Pese a toda su experiencia y expectación, la imagen del rostro de Frank cogió a Luther desprevenido. Le hizo estremecer. Perforó su sentido profesional, penetró en las profundidades de su fachada hasta la conciencia humana que se escondía debajo. Era como un actor, completamente inmerso en un papel, que de repente se da cuenta de que el teatro está en llamas. Se dio cuenta de que tenía que hablarse a sí mismo, el alcaide al hombre, para mantenerse en pie, para combatir esa sensación de desmayo.

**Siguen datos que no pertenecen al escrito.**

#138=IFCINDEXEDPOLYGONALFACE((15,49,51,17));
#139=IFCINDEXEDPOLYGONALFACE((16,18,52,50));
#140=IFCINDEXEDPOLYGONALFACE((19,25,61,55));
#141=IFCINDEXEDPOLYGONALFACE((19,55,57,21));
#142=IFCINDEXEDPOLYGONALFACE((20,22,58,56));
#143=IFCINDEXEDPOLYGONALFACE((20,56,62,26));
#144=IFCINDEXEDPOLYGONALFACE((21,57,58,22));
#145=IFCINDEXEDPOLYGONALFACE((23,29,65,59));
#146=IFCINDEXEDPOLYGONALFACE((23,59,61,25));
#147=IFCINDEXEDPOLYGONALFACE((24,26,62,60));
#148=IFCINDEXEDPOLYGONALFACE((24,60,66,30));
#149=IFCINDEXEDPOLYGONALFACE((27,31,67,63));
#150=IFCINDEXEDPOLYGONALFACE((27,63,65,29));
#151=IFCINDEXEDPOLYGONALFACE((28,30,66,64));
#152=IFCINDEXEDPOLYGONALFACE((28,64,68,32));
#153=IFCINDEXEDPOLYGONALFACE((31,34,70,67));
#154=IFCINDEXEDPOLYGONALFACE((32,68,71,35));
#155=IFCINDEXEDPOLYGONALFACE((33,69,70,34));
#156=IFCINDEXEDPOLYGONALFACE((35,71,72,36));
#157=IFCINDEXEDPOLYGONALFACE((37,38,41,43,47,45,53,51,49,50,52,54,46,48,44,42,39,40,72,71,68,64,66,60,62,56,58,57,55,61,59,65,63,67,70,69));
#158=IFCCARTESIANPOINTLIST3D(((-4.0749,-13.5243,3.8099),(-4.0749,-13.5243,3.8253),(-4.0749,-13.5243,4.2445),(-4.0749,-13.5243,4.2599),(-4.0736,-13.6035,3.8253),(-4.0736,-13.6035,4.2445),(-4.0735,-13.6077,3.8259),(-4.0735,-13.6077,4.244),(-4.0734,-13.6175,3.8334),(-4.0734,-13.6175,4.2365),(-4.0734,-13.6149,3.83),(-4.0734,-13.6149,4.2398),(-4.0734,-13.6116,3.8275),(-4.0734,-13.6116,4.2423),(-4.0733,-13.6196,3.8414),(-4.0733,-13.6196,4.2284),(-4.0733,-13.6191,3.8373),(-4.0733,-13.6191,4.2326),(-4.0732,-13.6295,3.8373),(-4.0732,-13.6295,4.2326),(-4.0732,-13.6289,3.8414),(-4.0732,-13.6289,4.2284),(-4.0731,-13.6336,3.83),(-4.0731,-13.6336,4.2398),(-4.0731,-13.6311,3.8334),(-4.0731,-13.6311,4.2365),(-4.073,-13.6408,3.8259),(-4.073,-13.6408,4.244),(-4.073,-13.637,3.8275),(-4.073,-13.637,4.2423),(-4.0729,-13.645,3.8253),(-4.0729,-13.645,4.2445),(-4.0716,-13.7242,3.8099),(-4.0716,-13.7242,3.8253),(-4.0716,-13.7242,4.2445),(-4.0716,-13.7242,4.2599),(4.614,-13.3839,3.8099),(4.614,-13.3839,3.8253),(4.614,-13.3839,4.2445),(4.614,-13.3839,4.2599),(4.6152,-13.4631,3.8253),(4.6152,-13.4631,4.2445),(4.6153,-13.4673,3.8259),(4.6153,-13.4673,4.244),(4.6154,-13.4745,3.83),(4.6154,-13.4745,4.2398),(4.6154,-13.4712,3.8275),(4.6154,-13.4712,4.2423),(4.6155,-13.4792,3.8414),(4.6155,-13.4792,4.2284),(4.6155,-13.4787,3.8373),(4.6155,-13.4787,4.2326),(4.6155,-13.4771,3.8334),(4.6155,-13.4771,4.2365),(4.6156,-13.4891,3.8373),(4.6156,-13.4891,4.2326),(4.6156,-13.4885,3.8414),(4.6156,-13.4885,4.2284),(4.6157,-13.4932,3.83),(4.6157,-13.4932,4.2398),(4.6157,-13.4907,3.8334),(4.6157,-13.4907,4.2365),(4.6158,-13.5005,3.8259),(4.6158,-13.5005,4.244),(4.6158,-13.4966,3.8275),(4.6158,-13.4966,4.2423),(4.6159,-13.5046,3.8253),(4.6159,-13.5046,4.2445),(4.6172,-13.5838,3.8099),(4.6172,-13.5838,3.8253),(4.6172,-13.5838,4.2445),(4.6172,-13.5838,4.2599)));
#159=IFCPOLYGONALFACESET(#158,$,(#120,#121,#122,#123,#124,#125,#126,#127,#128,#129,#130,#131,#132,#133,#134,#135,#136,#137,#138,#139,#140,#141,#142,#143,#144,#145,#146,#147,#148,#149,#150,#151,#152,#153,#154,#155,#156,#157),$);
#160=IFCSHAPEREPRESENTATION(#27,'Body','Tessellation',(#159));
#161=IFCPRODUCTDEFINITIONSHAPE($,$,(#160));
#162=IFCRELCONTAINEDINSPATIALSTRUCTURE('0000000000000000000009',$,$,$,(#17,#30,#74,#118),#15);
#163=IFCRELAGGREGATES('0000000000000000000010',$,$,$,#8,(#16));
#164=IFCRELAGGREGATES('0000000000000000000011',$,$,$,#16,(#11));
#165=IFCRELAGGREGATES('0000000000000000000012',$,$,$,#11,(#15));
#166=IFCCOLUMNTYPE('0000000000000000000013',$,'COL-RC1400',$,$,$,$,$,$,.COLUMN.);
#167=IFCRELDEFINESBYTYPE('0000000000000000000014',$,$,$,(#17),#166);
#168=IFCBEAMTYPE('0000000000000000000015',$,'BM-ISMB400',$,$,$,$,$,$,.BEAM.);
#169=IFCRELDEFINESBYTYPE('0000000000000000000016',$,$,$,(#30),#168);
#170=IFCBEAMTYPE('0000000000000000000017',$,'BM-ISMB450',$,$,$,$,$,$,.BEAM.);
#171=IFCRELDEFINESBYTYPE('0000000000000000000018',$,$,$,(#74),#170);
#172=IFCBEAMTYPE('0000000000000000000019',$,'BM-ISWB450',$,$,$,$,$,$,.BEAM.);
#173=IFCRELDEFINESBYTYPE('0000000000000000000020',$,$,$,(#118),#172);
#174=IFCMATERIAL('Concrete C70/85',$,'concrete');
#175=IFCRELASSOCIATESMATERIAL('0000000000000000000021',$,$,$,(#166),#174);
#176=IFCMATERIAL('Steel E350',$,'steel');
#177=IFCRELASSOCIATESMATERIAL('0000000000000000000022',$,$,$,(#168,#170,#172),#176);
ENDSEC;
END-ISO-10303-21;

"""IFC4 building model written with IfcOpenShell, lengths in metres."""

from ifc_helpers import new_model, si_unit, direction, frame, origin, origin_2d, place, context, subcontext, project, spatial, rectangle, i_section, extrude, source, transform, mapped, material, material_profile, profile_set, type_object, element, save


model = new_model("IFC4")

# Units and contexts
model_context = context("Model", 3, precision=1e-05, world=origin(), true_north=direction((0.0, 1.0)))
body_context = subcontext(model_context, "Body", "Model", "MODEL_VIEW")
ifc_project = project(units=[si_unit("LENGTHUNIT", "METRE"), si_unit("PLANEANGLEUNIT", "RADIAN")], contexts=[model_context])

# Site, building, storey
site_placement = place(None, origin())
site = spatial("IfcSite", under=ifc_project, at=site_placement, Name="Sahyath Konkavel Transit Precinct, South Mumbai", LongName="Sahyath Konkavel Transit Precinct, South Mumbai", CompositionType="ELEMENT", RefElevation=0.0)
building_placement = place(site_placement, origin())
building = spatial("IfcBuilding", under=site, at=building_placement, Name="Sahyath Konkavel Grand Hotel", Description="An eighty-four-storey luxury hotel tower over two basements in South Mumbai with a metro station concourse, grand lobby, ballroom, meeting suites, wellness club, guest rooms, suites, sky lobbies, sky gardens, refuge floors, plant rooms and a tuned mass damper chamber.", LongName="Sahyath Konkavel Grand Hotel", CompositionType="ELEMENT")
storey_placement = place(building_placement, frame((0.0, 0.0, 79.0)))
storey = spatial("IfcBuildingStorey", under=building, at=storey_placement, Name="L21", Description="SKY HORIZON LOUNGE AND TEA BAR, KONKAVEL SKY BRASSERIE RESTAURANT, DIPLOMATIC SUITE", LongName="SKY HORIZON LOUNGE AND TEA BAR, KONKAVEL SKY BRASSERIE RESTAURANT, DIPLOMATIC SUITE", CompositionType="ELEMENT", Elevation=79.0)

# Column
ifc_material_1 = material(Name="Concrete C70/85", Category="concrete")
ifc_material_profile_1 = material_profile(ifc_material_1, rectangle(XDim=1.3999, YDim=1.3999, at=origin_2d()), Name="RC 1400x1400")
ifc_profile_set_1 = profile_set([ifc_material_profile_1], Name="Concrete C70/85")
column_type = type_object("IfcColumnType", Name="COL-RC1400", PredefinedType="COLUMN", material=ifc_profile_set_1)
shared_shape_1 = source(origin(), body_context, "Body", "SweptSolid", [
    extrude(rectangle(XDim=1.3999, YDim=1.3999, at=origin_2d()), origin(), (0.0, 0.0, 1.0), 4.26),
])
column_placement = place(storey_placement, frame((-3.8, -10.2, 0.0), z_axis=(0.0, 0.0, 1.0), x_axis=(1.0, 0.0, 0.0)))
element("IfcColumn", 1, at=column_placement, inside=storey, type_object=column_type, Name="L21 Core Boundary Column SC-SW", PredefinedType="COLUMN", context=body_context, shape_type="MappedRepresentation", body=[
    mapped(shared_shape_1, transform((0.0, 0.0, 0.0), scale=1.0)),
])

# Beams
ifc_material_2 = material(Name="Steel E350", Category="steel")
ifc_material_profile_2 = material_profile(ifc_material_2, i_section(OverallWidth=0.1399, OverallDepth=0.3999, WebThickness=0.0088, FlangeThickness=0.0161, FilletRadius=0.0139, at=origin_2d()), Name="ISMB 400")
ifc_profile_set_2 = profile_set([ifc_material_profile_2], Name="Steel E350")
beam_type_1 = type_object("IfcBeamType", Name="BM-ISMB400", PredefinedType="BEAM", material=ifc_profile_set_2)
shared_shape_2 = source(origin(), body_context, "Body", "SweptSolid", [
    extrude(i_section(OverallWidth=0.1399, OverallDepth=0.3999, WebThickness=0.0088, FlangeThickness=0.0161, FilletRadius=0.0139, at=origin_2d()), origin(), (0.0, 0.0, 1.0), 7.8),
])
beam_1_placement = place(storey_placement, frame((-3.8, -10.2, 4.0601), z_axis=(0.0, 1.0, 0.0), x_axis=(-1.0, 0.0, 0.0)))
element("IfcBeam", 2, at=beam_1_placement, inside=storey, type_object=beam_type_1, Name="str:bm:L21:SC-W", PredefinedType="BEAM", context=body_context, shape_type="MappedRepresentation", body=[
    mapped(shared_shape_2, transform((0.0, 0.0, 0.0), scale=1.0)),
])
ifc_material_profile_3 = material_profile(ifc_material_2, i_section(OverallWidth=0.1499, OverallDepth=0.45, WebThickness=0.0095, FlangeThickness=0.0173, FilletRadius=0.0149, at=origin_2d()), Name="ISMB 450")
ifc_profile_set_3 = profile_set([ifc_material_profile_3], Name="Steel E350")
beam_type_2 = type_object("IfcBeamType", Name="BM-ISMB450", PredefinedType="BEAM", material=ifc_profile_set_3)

Escucha , pensó, gesticulando con los labios espasmódicamente mientras miraba al hombre en la camilla. También había una chica. Una chica joven a la que la gente quería. Un padre, una madre, un marido, que la amaban. Llevaba un hijo en las entrañas -una hija, un hijo, un nieto-, que ella habría mecido en sus brazos, contra su pecho, que la habría mirado a los ojos. Y ese hombre -ese Frank tuyo, el viejo Frank- la mató, asesinó todo eso. Le disparó a la garganta y la dejó sangrando, muriendo. Por algún dinero, por una miserable deuda, no importa el motivo. Ni cómo era su vida antes, ni el estado mental del momento. No tenía ningún derecho, maldita sea. Es un hombre como yo. Pudo elegir, como yo. No tenía que hacerlo pero lo hizo. Eso es lo que es un hombre, al fin y al cabo. Un hombre es un ser que puede decir «no». Un hombre… maldita sea.

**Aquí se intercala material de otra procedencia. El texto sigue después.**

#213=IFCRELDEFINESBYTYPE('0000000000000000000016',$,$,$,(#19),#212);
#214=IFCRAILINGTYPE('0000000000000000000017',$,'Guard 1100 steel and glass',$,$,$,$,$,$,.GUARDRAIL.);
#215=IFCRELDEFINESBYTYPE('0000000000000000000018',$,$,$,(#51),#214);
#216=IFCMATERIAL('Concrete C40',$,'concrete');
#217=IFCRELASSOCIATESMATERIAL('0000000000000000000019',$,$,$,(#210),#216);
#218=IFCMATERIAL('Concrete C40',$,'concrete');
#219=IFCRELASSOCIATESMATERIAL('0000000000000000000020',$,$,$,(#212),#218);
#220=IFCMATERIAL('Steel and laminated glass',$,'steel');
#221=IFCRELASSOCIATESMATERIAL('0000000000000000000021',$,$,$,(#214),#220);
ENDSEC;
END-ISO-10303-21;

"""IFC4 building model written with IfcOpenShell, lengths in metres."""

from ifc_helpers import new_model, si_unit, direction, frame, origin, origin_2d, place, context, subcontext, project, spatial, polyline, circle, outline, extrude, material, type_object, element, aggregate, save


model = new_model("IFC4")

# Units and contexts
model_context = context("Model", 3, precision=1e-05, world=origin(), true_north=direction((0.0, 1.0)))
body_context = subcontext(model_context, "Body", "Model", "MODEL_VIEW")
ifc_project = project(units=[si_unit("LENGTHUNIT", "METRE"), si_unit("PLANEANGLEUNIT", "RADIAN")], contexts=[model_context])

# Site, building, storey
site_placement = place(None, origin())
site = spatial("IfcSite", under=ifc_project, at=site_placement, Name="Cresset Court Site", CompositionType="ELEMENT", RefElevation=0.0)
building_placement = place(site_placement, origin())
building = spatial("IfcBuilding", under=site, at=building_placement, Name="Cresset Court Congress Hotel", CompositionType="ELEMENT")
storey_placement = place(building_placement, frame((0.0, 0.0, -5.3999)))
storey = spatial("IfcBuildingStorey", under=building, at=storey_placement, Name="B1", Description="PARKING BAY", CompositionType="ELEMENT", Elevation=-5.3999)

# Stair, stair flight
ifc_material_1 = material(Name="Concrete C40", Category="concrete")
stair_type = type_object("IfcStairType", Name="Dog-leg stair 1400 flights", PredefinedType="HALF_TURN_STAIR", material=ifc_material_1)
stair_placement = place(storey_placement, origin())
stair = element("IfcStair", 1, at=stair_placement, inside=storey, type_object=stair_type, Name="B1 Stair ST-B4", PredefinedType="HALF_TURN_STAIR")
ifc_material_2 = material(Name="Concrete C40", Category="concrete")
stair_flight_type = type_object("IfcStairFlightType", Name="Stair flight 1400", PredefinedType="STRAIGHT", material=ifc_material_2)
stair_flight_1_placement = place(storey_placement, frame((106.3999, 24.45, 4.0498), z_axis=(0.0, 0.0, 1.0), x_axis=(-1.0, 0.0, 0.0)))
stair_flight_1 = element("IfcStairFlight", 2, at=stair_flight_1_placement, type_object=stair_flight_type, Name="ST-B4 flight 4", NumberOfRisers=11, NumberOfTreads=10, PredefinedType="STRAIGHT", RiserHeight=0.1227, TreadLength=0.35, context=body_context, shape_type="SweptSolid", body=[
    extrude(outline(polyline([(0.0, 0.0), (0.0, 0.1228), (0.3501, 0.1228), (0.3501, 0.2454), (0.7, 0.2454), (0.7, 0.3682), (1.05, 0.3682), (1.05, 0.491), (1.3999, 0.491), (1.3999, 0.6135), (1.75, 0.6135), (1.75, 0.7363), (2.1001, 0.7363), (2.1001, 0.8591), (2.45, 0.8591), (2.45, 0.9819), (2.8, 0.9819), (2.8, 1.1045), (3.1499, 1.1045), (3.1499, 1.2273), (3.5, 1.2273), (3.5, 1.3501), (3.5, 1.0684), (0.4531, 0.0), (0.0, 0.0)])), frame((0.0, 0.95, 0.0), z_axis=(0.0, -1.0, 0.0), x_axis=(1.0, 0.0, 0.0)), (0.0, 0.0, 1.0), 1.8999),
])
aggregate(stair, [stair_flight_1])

Para su sorpresa, Luther notó que la mano derecha, recostada en la pernera, le empezaba a temblar. Nunca le había ocurrido antes. Se metió la mano en el bolsillo. Por algún motivo, al parecer, ese pequeño discurso no había hecho más que empeorar las cosas. Ahora tenía que abrir la boca para respirar. Sintió que la habitación daba vueltas a su alrededor, entrando en barrena por oscuras profundidades. Los dedos se encogieron en el bolsillo cerrando el puño mientras intentaba mantenerse en pie, repitiéndose a sí mismo, luchando decididamente contra la vertiginosa sensación:
Un hombre es un ser que puede decir «no» .
– ¡Nooooo! -grité, cuando los coches patrullas empezaron a pisarme los talones.
En ese momento eran dos: el segundo había salido derrapando del aparcamiento de un McDonald’s como si el primero lo hubiese advertido. Los dos estaban tras de mí, acercándose por la derecha y por la izquierda. Apreté el acelerador con tal fuerza que todo mi cuerpo se incrustó en el respaldo del asiento y tuve que estirar los brazos con fuerza para coger el volante. Mi cara debía de parecer una calavera, la piel tensa sobre los huesos y la boca abierta llena de desesperación y pavor. Delante de mí, el tráfico desaparecía cuando los coches se desmarcaban a cada lado para dejar paso al aullido de las sirenas y las luces delirantes. El Tempo voló por la autopista negra como una flecha, como una bala. Y aun así, esos bastardos iban ganando terreno.